Among the general population of India, there has been a similar epidemiological transition in the causes of death from infectious to non-infectious aetiologies. According to the Global Burden of Disease Study, 29% of all deaths in India are attributable to CVD,11 which also occur at an earlier age. In India, 52% of these deaths occur before the age of 70 compared with 23% in those with European ancestry.12 This difference has been explained by genetic factors as well as the clustering of traditional risk factors at a younger age.13–15 Whether this difference is inflated in those with concomitant HIV infection has not been well described, and it remains unclear if Asian Indians living with HIV are at an even higher risk of CVD at younger ages than the general population.
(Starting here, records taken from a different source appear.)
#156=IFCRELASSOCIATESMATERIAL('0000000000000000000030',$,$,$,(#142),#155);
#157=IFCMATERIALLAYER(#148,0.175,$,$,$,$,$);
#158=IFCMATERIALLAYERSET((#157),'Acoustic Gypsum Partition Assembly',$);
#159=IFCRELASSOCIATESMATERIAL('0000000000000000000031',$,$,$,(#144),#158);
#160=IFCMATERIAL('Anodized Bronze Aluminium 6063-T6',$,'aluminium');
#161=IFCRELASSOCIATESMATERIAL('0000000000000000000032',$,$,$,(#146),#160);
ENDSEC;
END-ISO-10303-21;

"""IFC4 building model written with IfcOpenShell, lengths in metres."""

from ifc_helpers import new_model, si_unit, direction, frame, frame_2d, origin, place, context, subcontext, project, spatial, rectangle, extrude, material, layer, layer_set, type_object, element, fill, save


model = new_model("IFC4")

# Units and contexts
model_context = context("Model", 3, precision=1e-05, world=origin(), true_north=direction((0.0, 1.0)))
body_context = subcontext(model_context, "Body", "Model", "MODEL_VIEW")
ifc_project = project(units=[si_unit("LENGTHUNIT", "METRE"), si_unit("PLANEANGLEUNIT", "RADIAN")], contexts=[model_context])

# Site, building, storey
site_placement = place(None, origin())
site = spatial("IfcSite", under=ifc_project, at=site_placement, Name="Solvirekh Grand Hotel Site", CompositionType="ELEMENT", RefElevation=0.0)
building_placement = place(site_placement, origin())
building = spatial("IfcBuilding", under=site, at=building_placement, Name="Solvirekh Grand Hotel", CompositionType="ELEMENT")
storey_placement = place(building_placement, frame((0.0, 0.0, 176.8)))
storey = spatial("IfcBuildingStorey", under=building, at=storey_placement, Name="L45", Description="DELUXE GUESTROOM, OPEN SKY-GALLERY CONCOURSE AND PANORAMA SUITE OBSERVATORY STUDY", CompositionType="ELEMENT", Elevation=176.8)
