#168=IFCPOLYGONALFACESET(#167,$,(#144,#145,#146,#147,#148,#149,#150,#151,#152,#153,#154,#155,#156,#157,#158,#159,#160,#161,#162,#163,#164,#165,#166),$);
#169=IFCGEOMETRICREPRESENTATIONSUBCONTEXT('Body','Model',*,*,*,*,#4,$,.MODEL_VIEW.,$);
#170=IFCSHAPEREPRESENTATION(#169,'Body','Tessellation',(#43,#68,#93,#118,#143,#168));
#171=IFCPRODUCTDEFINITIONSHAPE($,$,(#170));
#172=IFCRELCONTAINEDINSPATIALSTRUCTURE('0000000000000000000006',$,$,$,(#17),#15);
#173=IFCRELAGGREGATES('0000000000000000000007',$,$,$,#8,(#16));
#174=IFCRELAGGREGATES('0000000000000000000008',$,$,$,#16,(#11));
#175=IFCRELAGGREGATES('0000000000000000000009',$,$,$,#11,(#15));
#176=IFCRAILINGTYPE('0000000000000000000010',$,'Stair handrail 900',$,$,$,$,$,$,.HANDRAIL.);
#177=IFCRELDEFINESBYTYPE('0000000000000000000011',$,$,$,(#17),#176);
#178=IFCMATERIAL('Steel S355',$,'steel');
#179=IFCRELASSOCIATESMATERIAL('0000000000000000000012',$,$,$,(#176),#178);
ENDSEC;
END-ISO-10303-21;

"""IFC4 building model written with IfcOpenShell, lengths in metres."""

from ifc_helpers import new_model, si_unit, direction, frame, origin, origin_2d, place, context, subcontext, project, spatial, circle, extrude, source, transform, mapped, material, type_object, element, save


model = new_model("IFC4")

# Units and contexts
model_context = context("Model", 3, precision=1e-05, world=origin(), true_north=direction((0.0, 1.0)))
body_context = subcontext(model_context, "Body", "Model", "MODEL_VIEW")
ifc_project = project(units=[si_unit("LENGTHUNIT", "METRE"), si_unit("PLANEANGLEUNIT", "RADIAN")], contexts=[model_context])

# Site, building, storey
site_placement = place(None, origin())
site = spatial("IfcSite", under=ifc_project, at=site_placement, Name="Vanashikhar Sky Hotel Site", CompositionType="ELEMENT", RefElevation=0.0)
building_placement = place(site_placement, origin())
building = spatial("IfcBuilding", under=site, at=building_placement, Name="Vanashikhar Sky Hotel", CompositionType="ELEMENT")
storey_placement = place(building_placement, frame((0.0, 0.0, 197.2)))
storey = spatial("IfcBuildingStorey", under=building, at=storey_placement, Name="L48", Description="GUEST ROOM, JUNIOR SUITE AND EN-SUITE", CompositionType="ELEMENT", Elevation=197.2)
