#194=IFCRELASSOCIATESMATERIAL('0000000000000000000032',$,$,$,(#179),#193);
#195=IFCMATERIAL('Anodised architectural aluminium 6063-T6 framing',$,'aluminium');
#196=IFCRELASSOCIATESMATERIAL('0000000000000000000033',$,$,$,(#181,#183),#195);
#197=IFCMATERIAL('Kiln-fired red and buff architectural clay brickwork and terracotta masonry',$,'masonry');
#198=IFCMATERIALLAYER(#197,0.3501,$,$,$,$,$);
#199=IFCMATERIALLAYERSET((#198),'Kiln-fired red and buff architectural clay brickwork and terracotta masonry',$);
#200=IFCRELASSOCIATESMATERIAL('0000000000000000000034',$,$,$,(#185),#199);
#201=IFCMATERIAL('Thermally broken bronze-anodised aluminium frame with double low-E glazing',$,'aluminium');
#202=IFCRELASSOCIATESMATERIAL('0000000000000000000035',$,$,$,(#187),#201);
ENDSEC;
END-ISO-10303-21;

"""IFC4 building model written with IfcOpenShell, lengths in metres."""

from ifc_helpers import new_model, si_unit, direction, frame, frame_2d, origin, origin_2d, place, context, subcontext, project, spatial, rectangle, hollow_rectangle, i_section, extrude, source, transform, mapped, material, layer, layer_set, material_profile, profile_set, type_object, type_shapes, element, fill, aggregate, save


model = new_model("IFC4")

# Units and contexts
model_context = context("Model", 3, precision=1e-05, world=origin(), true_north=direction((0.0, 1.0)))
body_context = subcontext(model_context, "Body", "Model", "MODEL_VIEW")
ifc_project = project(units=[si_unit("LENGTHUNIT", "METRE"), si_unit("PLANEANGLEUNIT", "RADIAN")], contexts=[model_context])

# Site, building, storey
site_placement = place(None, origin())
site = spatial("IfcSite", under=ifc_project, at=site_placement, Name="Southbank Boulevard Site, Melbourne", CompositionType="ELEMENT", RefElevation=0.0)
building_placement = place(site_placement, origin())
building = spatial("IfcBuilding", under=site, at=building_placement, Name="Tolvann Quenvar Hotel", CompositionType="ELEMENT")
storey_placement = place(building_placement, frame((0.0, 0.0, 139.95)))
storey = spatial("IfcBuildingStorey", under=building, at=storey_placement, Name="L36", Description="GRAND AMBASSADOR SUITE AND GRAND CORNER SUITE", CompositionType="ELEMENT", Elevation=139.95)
Multiple CVD risk scores have been developed to focus behavioural modifications and therapeutic options. The Framingham risk score, the most widely used risk estimator, uses conventional CVD risk factors to appropriate CVD risk. The more recently developed Atherosclerotic Cardiovascular Disease (ASCVD) risk estimator, from the American College of Cardiology/ American Heart Association (ACC/AHA) accounts for White, African American and Other ethnicity in providing statin prescription recommendations. Risk calculators that account specifically for Asian ethnicity include QRISK2—Indian ethnicity and Ramathibodi—Electricity Generating Authority of Thailand (RAMA-EGAT), which was developed using a Southeast Asian cohort. The only risk estimator designed for PLWH comes from the Data Collection on Adverse Events of Anti-HIV Drugs (D:A:D) study and incorporates traditional CVD risk factors with HIV infection and treatment characteristics (table 1). None of these risk scores however, take into account, the cumulative effect of an Asian Indian ethnicity and HIV-related factors while predicting CVD risk. It is therefore conceivable that these commonly used risk calculators would underestimate the burden that CVD pose for Asian Indians PLWH.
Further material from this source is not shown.